By Duke Medicine News and Communications
Durham, N.C. -- A substance that naturally opens airways
also offers protection against asthma, a condition that affects
about 15 million people in the United States, including five
million children, according to Howard Hughes Medical Institute
researchers at Duke University Medical Center.
The findings suggest that impaired airway relaxation -- as
opposed to active constriction -- may be a more important cause
of asthma than previously recognized. The results may also
yield a novel approach to therapy, the researchers said.

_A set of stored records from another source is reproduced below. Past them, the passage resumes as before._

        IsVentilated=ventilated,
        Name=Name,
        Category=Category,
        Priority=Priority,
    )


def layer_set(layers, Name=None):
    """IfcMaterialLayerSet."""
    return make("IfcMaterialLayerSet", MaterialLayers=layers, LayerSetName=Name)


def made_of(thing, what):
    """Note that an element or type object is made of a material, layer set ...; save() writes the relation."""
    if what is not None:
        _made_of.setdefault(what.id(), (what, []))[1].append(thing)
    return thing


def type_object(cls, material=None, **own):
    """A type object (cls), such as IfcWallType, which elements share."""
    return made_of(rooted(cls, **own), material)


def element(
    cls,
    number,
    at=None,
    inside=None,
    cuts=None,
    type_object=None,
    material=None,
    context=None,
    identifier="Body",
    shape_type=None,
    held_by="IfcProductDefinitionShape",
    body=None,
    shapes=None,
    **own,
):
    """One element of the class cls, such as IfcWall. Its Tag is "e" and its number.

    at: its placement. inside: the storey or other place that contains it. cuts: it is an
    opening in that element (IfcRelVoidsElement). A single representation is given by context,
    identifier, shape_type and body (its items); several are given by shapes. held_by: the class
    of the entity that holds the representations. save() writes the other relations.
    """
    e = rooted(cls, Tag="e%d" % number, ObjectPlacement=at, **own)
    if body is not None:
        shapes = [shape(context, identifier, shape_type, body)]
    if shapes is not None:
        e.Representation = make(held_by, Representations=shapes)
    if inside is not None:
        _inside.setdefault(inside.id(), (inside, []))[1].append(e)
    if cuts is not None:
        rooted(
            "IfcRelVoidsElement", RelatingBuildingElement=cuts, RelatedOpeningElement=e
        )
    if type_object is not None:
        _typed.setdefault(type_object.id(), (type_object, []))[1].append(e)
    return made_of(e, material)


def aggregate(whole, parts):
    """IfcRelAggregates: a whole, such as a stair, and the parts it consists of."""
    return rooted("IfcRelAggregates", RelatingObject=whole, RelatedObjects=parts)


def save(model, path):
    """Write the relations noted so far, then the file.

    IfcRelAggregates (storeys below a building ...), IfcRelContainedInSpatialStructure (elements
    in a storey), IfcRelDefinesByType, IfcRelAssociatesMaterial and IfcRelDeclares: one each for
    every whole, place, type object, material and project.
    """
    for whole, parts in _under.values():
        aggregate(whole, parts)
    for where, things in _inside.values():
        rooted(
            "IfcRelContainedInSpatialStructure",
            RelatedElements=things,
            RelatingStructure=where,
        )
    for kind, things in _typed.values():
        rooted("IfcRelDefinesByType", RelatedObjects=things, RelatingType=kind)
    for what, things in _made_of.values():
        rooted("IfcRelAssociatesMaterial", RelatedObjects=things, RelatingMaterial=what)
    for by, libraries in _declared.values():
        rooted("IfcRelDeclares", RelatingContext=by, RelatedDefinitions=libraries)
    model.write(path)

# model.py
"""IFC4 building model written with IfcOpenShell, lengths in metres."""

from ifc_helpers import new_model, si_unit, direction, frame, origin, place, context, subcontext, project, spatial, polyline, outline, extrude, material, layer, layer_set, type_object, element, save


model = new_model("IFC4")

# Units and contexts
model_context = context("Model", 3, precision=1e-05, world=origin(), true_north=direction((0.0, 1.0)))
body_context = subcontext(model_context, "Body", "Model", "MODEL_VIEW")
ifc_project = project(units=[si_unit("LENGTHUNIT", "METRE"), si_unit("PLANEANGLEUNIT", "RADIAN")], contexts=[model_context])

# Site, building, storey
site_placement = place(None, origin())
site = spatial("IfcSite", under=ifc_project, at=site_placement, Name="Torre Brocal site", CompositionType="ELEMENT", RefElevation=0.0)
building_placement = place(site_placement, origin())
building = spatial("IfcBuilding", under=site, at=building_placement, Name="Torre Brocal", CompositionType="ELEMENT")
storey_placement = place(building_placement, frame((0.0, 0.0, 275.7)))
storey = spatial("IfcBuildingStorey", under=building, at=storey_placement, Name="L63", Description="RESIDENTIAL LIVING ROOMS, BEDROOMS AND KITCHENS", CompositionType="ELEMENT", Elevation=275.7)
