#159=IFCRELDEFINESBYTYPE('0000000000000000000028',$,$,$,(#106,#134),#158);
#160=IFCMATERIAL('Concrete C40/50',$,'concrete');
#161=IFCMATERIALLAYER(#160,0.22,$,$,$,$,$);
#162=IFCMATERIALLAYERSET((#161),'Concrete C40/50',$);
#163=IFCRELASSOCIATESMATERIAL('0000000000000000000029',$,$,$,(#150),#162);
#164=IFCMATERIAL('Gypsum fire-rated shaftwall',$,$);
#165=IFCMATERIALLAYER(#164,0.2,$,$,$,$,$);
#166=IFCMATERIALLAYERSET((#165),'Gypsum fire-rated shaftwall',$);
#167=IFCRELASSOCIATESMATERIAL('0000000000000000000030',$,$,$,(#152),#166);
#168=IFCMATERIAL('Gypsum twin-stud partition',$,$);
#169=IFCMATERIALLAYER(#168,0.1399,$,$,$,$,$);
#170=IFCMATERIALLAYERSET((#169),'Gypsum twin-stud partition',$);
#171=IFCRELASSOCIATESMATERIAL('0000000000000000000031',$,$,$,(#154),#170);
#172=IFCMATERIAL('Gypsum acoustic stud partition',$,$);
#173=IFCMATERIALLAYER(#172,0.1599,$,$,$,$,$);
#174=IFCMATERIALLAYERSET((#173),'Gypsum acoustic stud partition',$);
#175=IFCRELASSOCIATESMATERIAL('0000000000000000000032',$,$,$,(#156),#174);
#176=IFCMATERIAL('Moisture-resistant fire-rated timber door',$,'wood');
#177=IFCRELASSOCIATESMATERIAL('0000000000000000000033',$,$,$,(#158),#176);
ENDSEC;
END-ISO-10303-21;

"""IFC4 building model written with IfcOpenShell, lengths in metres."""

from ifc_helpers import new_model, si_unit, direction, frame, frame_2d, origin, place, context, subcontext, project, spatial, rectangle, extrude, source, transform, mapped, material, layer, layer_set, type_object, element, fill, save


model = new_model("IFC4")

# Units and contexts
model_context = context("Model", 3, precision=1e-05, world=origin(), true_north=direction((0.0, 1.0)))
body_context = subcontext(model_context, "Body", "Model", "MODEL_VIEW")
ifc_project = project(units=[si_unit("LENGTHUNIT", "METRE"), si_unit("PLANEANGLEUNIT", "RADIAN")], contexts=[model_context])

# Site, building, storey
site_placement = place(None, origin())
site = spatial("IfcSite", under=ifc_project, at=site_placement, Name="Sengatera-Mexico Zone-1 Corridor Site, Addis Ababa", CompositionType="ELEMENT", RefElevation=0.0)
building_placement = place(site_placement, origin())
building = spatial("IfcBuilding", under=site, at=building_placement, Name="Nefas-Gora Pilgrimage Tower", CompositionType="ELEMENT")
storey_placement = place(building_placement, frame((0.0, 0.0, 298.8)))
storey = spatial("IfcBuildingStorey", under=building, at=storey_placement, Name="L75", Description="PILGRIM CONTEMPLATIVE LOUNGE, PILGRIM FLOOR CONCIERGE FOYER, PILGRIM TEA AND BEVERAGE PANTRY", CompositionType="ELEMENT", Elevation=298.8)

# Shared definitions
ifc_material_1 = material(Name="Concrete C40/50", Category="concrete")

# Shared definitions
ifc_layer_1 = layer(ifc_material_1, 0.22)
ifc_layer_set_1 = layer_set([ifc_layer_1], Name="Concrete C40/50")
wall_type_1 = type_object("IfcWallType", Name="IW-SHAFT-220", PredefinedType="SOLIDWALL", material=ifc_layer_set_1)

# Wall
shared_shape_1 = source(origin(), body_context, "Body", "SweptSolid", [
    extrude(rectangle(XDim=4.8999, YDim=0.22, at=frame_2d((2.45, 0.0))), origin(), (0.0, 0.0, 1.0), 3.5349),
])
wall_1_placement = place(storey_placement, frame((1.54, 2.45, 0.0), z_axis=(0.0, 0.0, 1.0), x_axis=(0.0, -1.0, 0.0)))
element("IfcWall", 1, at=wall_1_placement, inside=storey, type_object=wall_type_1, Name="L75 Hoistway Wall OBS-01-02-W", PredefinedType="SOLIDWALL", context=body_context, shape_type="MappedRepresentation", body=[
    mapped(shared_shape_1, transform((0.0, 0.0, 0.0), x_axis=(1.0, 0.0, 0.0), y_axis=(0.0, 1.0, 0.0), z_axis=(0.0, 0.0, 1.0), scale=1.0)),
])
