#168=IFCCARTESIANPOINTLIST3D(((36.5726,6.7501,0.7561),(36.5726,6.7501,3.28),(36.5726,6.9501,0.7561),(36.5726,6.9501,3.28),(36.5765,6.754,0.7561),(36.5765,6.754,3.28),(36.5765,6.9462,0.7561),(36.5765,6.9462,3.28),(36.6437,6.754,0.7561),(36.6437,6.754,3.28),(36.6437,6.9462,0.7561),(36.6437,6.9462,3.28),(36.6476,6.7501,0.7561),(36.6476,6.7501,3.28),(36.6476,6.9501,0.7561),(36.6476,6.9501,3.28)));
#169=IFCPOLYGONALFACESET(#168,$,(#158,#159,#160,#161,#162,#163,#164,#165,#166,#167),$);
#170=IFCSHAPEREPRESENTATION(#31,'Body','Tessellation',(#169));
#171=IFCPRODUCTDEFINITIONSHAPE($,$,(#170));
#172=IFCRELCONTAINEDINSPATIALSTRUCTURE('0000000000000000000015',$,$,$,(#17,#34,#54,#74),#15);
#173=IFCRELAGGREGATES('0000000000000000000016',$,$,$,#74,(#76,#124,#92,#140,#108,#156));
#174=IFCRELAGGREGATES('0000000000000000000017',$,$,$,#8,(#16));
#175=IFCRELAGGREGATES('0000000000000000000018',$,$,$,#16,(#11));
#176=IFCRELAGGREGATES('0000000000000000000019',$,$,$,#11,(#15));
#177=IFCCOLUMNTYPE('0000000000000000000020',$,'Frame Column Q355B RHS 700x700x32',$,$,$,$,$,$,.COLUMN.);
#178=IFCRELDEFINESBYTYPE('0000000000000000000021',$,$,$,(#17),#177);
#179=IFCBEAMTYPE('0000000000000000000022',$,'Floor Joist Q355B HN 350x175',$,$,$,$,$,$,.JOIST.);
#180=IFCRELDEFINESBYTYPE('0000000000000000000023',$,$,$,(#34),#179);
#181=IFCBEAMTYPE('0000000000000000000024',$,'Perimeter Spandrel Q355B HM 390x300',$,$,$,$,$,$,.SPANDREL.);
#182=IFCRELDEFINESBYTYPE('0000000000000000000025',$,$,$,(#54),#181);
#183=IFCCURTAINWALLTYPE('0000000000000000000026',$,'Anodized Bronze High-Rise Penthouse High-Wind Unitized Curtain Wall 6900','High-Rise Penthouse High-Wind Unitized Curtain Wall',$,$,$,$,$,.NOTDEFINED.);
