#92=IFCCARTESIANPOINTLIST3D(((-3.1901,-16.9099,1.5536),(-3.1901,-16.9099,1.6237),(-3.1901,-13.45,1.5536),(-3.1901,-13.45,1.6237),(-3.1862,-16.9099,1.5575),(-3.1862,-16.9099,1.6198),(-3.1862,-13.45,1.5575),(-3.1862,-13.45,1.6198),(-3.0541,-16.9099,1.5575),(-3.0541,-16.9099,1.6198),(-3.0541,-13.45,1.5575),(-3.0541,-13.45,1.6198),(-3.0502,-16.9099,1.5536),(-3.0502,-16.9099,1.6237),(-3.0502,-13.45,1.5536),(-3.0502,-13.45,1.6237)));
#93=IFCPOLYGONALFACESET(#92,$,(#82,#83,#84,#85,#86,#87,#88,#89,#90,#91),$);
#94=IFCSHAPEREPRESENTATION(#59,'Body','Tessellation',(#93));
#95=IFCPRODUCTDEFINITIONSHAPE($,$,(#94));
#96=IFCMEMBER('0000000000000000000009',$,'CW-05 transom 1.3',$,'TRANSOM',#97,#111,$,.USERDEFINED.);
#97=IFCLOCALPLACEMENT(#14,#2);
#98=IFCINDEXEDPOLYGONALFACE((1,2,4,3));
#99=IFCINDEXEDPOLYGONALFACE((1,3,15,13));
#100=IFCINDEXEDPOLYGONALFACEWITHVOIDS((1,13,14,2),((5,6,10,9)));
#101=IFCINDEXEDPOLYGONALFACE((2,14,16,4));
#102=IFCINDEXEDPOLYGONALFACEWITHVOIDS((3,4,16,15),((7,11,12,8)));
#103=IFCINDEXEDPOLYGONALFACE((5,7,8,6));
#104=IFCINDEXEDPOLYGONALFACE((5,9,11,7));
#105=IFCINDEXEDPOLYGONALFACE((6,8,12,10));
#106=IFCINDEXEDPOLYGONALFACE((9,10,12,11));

"In thinking about asthma, scientists have generally focused
on processes that actively constrict airways or lead to
inflammation, making it difficult to get air in or out," said
HHMI investigator Jonathan Stamler, M.D. "We haven't paid much
attention to how airways are normally kept open. Our findings
suggest the disease may stem from a deficit in the natural
bronchodilator that normally relaxes airways."
The Duke team reported in the May 26, 2005, early online
version of the journal
Science that it had discovered a natural compound,
nitrosoglutathione (GSNO), that helps keep airways open. Mice
with elevated levels of GSNO were much less susceptible than
normal animals to getting asthma, the team found. Moreover,
animals deficient for GSNO developed asthma.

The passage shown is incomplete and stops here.